As autoridades prisionais do Egito submetem prisioneiros de consciência e outros detidos por razões políticas a tortura e condições desumanas de detenção. A Amnistia Internacional denuncia ainda que, como forma de punição, os dissidentes não têm acesso a cuidados de saúde.

As conclusões estão no mais recente relatório da organização. De acordo com a investigação, a crueldade das autoridades egípcias levou ou contribuiu para a mortes sob custódia e danos irreparáveis ​​à saúde de prisioneiros.

“Os responsáveis pelas prisões mostram total desrespeito pelas vidas e pelo bem-estar dos detidos que estão amontoados em celas sobrelotadas, ignorando em grande parte as suas necessidades de saúde”
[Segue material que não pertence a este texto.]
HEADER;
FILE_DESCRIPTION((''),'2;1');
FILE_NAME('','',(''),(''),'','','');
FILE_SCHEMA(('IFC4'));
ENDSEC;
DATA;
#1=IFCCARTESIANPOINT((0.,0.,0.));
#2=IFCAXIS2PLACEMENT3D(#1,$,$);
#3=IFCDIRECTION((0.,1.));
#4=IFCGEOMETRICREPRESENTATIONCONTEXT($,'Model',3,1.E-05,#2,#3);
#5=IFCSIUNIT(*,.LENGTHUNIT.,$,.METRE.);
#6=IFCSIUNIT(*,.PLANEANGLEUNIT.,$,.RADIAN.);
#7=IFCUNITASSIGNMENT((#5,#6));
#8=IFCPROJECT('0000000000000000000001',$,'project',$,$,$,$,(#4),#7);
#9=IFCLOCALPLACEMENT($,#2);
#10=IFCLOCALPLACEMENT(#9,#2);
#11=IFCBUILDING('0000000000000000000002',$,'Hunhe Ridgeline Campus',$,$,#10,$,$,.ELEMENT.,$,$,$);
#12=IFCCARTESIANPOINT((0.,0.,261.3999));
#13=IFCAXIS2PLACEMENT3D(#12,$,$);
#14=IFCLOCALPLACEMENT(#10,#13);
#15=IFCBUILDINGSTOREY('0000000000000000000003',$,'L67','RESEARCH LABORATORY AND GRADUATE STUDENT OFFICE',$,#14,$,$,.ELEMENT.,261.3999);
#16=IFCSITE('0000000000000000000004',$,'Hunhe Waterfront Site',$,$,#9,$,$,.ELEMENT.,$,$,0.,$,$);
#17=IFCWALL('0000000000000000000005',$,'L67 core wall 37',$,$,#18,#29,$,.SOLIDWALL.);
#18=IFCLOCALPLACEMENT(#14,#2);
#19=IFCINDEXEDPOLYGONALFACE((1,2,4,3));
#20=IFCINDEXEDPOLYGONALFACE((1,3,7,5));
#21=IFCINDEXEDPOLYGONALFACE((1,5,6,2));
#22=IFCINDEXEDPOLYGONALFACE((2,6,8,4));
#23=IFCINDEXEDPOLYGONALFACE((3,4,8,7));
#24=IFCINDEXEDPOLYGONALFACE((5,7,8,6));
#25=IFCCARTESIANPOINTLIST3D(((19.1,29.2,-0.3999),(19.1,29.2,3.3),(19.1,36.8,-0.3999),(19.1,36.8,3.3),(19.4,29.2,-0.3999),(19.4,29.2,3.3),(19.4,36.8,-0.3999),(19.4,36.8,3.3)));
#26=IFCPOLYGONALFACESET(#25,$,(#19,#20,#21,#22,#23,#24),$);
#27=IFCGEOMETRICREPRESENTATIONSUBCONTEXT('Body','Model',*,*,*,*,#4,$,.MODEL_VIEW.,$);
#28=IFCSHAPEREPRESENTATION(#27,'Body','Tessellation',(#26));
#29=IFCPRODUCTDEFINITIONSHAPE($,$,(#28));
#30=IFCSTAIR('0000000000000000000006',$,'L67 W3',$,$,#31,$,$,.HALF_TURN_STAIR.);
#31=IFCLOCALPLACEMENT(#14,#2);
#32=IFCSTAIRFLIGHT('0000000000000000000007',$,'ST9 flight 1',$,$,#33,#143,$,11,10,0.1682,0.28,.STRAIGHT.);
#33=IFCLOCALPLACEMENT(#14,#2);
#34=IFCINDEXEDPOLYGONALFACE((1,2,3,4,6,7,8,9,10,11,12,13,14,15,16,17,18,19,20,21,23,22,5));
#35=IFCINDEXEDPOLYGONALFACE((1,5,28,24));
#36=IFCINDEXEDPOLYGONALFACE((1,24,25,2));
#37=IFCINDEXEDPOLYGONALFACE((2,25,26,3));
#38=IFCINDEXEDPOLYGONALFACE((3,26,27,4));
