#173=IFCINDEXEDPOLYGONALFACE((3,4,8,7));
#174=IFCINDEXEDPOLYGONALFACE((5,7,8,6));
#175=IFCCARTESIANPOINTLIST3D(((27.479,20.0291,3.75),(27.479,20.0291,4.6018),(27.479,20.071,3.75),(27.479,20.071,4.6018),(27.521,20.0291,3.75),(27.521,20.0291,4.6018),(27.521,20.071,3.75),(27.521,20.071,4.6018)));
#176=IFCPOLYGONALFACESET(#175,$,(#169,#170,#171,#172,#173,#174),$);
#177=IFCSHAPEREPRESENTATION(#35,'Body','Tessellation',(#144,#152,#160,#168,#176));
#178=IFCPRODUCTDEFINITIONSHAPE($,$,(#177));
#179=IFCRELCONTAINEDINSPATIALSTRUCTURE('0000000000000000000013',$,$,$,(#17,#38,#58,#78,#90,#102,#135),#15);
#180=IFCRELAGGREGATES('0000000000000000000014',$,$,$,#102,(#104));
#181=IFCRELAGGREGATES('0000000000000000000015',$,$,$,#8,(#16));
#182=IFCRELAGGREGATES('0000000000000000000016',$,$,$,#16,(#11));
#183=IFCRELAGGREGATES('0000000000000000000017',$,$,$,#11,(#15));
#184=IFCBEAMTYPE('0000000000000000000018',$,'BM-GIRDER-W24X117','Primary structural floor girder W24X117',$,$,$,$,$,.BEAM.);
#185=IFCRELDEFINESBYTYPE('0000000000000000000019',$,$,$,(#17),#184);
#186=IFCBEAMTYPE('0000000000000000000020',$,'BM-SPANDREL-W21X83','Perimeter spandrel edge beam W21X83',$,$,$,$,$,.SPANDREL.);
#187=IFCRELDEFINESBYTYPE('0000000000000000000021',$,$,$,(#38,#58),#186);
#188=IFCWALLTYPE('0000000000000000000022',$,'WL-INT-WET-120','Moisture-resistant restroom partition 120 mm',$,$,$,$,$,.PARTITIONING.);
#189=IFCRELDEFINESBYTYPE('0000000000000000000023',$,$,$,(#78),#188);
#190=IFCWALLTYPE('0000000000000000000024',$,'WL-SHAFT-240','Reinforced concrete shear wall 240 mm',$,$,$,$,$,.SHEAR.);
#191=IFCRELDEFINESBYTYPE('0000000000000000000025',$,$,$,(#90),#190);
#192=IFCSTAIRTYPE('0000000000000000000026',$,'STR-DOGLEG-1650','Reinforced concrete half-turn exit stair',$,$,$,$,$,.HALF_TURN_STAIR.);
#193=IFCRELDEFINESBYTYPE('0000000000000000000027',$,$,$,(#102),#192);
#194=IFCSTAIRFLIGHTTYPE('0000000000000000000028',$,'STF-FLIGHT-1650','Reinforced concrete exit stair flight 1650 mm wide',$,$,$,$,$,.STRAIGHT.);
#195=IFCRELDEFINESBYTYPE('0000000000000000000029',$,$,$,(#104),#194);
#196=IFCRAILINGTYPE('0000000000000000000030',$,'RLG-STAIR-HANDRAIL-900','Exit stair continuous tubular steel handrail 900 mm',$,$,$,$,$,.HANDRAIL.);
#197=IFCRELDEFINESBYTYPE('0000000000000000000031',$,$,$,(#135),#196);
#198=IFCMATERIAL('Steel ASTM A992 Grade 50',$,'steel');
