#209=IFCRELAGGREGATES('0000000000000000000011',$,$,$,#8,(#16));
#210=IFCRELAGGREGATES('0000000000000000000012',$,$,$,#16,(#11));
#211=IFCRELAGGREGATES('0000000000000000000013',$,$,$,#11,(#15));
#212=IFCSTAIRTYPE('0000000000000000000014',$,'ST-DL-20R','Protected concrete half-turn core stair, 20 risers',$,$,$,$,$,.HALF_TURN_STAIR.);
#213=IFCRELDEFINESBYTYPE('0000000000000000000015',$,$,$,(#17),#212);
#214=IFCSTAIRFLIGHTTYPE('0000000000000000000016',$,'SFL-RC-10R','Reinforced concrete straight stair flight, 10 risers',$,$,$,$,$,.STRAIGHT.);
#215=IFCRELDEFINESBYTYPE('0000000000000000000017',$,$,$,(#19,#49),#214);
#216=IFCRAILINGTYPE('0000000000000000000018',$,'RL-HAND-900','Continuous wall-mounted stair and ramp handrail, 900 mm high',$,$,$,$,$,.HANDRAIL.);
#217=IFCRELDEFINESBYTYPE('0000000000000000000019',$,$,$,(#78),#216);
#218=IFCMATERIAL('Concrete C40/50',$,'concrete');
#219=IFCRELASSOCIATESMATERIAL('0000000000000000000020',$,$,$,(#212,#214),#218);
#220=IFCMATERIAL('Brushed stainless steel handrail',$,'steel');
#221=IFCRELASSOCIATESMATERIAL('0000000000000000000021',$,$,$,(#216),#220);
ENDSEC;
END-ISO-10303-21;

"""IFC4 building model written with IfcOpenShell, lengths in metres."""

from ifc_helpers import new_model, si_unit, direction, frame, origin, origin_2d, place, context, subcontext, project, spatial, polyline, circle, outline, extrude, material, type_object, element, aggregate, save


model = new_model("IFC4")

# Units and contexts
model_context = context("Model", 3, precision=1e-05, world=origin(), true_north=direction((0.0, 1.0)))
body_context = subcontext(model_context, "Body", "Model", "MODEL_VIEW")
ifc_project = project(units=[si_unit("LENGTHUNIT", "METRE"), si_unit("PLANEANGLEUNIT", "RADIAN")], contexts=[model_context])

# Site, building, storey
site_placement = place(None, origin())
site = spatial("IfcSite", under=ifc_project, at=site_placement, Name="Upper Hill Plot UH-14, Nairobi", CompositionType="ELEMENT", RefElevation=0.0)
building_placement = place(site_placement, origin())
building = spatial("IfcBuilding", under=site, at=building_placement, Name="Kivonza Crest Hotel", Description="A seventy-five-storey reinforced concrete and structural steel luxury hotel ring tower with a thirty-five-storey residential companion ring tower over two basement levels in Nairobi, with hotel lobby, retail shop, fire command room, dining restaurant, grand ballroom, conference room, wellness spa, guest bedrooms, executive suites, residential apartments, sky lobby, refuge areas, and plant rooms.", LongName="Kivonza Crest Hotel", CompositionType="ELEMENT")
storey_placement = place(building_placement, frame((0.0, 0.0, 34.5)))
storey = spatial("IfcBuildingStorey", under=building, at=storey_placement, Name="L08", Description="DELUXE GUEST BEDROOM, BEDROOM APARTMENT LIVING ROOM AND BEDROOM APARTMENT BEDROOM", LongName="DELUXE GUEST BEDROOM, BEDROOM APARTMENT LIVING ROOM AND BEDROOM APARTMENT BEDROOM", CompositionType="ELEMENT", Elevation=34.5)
Philip Luther, diretor de Investigação e Advocacy da Amnistia Internacional para o Médio Oriente e Norte de África

What do I care if you die?” Negligence and denial of heath care in the Egyptian prisons (“‘Que me importa se vais morrer?’ Negligência e negação de cuidados de saúde nas prisões egípcias”) é lançado quando passam dez anos do início da revolução de 2011 e oferece uma imagem sombria da crise de direitos humanos nas prisões egípcias, cheias de mulheres e homens corajosos que estavam na linha da frente da luta por justiça social e política. Além disso, mostra como as autoridades prisionais falharam em proteger os presos da pandemia de COVID-19 e discriminaram, de forma regular, quem tem origens socioeconómicas desfavorecidas.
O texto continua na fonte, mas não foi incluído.